PCAF to tackle liquidity challenges in power sector
•To be activated by Q1 2025, promises stable cash flow, transparency for DisCos
Power Consumer Assistance Fund (PCAF), established under the Electricity Act of 2023, has been unveiled as a strategic solution to address liquidity challenges in the Nigerian Electricity Supply Industry (NESI).
The fund is designed to provide targeted financial relief to electricity consumers while enabling Distribution Companies (DisCos) to charge cost-reflective tariffs.
This was announced in an article obtained by The Guardian. The challenges in NESI have escalated over time, largely due to the implementation of a frozen end-user tariff policy in December 2022. This policy resulted in a substantial disparity between cost-reflective tariffs and consumer rates, causing a monthly subsidy burden of N262 billion.
In April 2024, the Nigerian Electricity Regulatory Commission (NERC) implemented a temporary measure to unfreeze tariffs for Band A customers, who are assured of 20 hours of electricity daily. This intervention offered some relief by increasing market payments to 49.5 per cent and lowering the monthly subsidy burden to N153 billion.
By the close of 2024, market payments are expected to decrease, while subsidies are projected to rise to N200 billion, highlighting the pressing need for sustainable solutions.
NERC will oversee the fund’s implementation, with contributions drawn from the government and eligible customers. The initiative aims to ensure transparency and equitable distribution of benefits across the electricity sector.

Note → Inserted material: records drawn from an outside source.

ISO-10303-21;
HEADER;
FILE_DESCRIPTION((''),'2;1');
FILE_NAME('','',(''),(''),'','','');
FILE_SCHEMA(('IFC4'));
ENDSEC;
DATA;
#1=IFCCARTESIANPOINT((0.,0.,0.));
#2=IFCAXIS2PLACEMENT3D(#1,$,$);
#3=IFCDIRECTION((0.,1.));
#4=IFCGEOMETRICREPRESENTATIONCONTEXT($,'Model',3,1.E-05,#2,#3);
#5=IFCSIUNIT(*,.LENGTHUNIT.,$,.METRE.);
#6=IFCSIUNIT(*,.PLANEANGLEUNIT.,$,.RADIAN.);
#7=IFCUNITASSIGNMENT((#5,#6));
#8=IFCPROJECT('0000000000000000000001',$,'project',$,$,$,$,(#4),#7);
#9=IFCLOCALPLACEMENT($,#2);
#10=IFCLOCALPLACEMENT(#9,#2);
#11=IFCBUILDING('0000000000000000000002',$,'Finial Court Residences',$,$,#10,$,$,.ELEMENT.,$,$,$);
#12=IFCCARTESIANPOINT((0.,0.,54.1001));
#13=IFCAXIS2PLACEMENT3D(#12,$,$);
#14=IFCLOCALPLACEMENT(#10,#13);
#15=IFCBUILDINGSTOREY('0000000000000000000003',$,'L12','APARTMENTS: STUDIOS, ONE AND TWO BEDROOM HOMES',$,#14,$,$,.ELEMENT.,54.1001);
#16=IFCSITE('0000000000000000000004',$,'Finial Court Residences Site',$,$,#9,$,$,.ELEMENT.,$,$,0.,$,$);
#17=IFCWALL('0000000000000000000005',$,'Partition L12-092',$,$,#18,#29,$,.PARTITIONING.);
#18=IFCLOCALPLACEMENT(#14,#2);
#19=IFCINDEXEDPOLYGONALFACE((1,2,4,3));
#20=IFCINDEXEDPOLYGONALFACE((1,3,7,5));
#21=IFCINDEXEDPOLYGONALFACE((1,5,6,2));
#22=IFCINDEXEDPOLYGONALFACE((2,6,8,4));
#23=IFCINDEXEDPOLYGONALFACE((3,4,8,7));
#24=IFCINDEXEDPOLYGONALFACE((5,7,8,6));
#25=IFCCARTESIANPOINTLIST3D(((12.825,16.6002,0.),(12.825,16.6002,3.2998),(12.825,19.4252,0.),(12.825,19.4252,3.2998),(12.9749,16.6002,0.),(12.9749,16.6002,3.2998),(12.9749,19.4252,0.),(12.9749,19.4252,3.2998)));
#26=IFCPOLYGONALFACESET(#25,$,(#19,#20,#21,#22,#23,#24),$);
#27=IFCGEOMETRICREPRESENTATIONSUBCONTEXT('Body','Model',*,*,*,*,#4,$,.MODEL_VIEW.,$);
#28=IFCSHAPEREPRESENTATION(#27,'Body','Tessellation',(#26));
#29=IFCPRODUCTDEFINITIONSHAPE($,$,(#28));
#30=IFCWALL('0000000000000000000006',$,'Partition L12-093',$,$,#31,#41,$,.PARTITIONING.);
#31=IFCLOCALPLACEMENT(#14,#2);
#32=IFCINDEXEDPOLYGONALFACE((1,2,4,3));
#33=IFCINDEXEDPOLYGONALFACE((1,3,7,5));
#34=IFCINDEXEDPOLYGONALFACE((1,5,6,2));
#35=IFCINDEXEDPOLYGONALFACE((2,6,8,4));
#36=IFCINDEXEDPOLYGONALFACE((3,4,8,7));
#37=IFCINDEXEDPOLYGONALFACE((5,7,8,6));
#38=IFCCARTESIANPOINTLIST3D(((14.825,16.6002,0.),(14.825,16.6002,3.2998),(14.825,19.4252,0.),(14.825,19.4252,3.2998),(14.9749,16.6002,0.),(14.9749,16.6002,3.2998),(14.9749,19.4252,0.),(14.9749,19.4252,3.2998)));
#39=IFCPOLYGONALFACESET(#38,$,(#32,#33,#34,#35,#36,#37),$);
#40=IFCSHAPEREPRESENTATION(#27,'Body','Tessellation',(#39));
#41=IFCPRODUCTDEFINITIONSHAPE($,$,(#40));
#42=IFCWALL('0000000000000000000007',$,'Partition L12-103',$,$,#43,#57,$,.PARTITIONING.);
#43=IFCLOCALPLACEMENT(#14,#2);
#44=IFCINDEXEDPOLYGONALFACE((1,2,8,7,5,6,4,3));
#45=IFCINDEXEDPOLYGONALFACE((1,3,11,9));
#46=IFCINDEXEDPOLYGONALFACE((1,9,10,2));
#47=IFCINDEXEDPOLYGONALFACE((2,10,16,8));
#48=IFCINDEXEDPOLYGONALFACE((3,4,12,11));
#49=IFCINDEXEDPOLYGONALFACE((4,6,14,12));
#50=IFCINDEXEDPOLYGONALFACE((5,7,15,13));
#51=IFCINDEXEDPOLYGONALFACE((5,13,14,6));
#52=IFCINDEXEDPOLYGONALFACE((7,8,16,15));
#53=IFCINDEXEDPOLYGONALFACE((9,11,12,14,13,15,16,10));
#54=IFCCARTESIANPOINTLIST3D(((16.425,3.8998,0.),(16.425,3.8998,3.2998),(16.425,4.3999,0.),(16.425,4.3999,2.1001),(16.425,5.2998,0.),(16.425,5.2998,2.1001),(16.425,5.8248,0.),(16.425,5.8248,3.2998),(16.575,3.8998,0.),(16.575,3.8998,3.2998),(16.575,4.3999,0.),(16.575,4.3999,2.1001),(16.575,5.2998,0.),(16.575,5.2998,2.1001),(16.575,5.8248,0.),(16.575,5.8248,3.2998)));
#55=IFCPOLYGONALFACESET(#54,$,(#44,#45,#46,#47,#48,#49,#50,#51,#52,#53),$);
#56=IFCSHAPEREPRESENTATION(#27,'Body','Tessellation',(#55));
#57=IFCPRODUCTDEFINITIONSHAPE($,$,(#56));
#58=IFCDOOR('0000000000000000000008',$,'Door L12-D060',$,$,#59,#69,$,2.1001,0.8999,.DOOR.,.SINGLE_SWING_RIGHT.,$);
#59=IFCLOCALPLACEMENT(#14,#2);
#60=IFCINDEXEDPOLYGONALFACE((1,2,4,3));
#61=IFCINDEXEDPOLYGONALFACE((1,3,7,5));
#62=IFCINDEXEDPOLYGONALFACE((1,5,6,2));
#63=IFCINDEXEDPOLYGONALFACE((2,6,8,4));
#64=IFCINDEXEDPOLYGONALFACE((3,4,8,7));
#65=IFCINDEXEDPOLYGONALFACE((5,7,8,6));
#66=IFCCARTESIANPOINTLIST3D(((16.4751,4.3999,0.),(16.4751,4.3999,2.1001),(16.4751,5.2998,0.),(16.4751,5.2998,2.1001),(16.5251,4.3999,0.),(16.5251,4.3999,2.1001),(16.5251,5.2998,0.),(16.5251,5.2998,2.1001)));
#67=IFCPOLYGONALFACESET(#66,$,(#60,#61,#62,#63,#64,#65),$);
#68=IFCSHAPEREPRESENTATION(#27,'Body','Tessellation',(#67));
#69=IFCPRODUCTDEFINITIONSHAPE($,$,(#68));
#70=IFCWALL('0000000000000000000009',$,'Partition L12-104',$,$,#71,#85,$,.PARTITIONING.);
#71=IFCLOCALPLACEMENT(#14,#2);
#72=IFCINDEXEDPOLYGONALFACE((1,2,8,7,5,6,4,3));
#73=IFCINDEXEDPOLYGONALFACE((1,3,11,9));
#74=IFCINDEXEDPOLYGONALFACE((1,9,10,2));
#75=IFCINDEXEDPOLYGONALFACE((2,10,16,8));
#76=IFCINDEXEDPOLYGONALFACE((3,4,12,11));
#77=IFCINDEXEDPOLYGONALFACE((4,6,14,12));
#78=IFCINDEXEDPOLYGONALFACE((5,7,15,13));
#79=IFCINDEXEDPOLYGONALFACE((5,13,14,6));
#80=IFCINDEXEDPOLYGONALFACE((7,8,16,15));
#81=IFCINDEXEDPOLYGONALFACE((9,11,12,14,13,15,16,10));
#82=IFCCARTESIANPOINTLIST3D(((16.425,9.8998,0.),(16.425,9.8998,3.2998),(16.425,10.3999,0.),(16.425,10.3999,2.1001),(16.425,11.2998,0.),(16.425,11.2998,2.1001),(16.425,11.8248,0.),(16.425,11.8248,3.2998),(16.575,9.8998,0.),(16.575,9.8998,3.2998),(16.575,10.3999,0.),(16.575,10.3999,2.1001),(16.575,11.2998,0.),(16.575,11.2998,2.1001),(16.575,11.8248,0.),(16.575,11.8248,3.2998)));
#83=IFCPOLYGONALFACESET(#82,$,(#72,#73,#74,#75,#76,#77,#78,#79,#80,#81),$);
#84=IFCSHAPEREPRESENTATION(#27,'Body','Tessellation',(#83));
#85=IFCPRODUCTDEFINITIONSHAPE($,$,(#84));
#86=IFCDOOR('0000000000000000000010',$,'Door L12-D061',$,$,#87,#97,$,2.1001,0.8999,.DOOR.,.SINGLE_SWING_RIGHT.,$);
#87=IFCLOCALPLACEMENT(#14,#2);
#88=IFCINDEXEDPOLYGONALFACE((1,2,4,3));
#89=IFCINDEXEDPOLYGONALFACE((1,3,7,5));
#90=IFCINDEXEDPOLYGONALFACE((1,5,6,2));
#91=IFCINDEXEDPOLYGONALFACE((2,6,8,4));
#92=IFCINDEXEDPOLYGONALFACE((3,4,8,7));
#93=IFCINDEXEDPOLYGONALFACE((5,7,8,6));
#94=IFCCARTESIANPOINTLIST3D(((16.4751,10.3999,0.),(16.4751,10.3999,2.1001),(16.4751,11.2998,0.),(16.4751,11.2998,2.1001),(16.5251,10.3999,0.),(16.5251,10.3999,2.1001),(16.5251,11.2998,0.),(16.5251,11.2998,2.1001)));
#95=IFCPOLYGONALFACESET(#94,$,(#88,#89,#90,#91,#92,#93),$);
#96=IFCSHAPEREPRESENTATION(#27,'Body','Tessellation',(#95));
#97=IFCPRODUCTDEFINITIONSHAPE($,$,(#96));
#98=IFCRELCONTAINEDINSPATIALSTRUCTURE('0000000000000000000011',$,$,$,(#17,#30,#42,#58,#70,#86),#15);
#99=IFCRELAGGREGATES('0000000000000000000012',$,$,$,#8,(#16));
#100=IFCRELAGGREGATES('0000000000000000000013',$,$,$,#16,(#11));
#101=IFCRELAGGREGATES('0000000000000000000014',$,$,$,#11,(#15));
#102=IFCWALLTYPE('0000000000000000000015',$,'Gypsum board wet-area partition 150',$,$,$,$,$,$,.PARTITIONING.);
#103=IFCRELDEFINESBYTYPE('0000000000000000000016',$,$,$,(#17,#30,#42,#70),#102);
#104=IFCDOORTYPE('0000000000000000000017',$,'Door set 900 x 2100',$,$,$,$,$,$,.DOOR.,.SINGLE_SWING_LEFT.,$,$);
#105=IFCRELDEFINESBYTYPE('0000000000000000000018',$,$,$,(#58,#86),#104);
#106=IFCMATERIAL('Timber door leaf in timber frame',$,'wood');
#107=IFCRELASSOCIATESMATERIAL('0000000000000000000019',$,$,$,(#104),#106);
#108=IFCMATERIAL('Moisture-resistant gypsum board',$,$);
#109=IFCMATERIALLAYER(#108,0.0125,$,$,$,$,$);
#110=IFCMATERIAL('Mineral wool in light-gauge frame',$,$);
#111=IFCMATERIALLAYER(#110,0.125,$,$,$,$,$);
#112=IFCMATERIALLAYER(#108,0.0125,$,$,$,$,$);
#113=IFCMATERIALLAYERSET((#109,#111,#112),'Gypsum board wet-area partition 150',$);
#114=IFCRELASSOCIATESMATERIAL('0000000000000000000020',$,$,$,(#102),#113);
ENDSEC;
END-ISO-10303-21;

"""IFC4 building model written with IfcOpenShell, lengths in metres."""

from ifc_helpers import new_model, si_unit, direction, frame, frame_2d, origin, place, context, subcontext, project, spatial, rectangle, extrude, material, layer, layer_set, type_object, element, fill, save


model = new_model("IFC4")

# Units and contexts
model_context = context("Model", 3, precision=1e-05, world=origin(), true_north=direction((0.0, 1.0)))
body_context = subcontext(model_context, "Body", "Model", "MODEL_VIEW")
ifc_project = project(units=[si_unit("LENGTHUNIT", "METRE"), si_unit("PLANEANGLEUNIT", "RADIAN")], contexts=[model_context])

# Site, building, storey
site_placement = place(None, origin())
site = spatial("IfcSite", under=ifc_project, at=site_placement, Name="Finial Court Residences Site", CompositionType="ELEMENT", RefElevation=0.0)
building_placement = place(site_placement, origin())
building = spatial("IfcBuilding", under=site, at=building_placement, Name="Finial Court Residences", CompositionType="ELEMENT")
storey_placement = place(building_placement, frame((0.0, 0.0, 54.1001)))
storey = spatial("IfcBuildingStorey", under=building, at=storey_placement, Name="L12", Description="APARTMENTS: STUDIOS, ONE AND TWO BEDROOM HOMES", CompositionType="ELEMENT", Elevation=54.1001)

# Shared definitions
ifc_material_1 = material(Name="Mineral wool in light-gauge frame")

# Shared definitions
ifc_material_2 = material(Name="Timber door leaf in timber frame", Category="wood")
door_type = type_object("IfcDoorType", Name="Door set 900 x 2100", OperationType="SINGLE_SWING_LEFT", PredefinedType="DOOR", material=ifc_material_2)

# Shared definitions
ifc_material_3 = material(Name="Moisture-resistant gypsum board")
ifc_layer_1 = layer(ifc_material_3, 0.0125)
ifc_layer_2 = layer(ifc_material_1, 0.125)
ifc_layer_3 = layer(ifc_material_3, 0.0125)
ifc_layer_set_1 = layer_set([ifc_layer_1, ifc_layer_2, ifc_layer_3], Name="Gypsum board wet-area partition 150")
wall_type_1 = type_object("IfcWallType", Name="Gypsum board wet-area partition 150", PredefinedType="PARTITIONING", material=ifc_layer_set_1)

# Walls
for number, where, z_axis, x_axis, name in (
    (1, (12.8999, 16.6001, 0.0), (0.0, 0.0, 1.0), (0.0, 1.0, 0.0), "Partition L12-092"),
    (2, (14.8999, 16.6001, 0.0), (0.0, 0.0, 1.0), (0.0, 1.0, 0.0), "Partition L12-093"),
):
    element("IfcWall", number, at=place(storey_placement, frame(where, z_axis=z_axis, x_axis=x_axis)), inside=storey, type_object=wall_type_1, Name=name, PredefinedType="PARTITIONING", context=body_context, shape_type="SweptSolid", body=[
        extrude(rectangle(XDim=2.825, YDim=0.1499, at=frame_2d((1.4126, 0.0))), origin(), (0.0, 0.0, 1.0), 3.2998),
    ])

# Walls, openings, doors
wall_1_placement = place(storey_placement, frame((16.5, 3.8999, 0.0), z_axis=(0.0, 0.0, 1.0), x_axis=(0.0, 1.0, 0.0)))
wall_1 = element("IfcWall", 3, at=wall_1_placement, inside=storey, type_object=wall_type_1, Name="Partition L12-103", PredefinedType="PARTITIONING", context=body_context, shape_type="SweptSolid", body=[
    extrude(rectangle(XDim=1.925, YDim=0.1499, at=frame_2d((0.9624, 0.0))), origin(), (0.0, 0.0, 1.0), 3.2998),
])
opening_1_placement = place(wall_1_placement, frame((0.5, 0.0, 0.0)))
opening_1 = element("IfcOpeningElement", 4, at=opening_1_placement, cuts=wall_1, PredefinedType="OPENING", context=body_context, shape_type="SweptSolid", body=[
    extrude(rectangle(XDim=0.8999, YDim=2.1001, at=frame_2d((0.45, 1.05))), frame((0.0, 0.085, 0.0), z_axis=(0.0, -1.0, 0.0), x_axis=(1.0, 0.0, 0.0)), (0.0, 0.0, 1.0), 0.1699),
])
door_1_placement = place(opening_1_placement, origin())
door_1 = element("IfcDoor", 5, at=door_1_placement, inside=storey, type_object=door_type, Name="Door L12-D060", OperationType="SINGLE_SWING_RIGHT", OverallHeight=2.1001, OverallWidth=0.8999, PredefinedType="DOOR", context=body_context, shape_type="SweptSolid", body=[
    extrude(rectangle(XDim=0.8999, YDim=2.1001, at=frame_2d((0.45, 1.05))), frame((0.0, 0.0249, 0.0), z_axis=(0.0, -1.0, 0.0), x_axis=(1.0, 0.0, 0.0)), (0.0, 0.0, 1.0), 0.05),
])
fill(opening_1, door_1)
wall_2_placement = place(storey_placement, frame((16.5, 9.8999, 0.0), z_axis=(0.0, 0.0, 1.0), x_axis=(0.0, 1.0, 0.0)))
wall_2 = element("IfcWall", 6, at=wall_2_placement, inside=storey, type_object=wall_type_1, Name="Partition L12-104", PredefinedType="PARTITIONING", context=body_context, shape_type="SweptSolid", body=[
    extrude(rectangle(XDim=1.925, YDim=0.1499, at=frame_2d((0.9624, 0.0))), origin(), (0.0, 0.0, 1.0), 3.2998),
])
opening_2_placement = place(wall_2_placement, frame((0.5, 0.0, 0.0)))
opening_2 = element("IfcOpeningElement", 7, at=opening_2_placement, cuts=wall_2, PredefinedType="OPENING", context=body_context, shape_type="SweptSolid", body=[
    extrude(rectangle(XDim=0.8999, YDim=2.1001, at=frame_2d((0.45, 1.05))), frame((0.0, 0.085, 0.0), z_axis=(0.0, -1.0, 0.0), x_axis=(1.0, 0.0, 0.0)), (0.0, 0.0, 1.0), 0.1699),
])
door_2_placement = place(opening_2_placement, origin())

Under PCAF, all electricity consumers will initially receive financial support to cushion the effects of macroeconomic volatility. Over time, the focus will shift to underprivileged customers, in line with Section 122(4) of the Electricity Act.
The fund guarantees a minimum monthly subsidy of N5,000 per customer, covering up to 25 kWh of electricity. Low-income consumers using less than this threshold will benefit from a full subsidy, ensuring affordability and promoting efficient energy use.
The fund will be financed through contributions from the government and eligible customers, with rates and durations determined by the Nigerian Electricity Regulatory Commission (NERC).
“NERC must work closely with DisCos, consumer advocacy groups and policymakers to ensure seamless implementation. Real-time monitoring and IT systems will be deployed to track service quality and compliance. Tariff revisions will reflect macroeconomic conditions, ensuring consumers are not overburdened,” it stated.
To be launched in the first quarter of 2025, PCAF is expected to stabiliseDisCos’ cash flow by enabling cost-reflective tariffs while fostering transparency and accountability in the sector.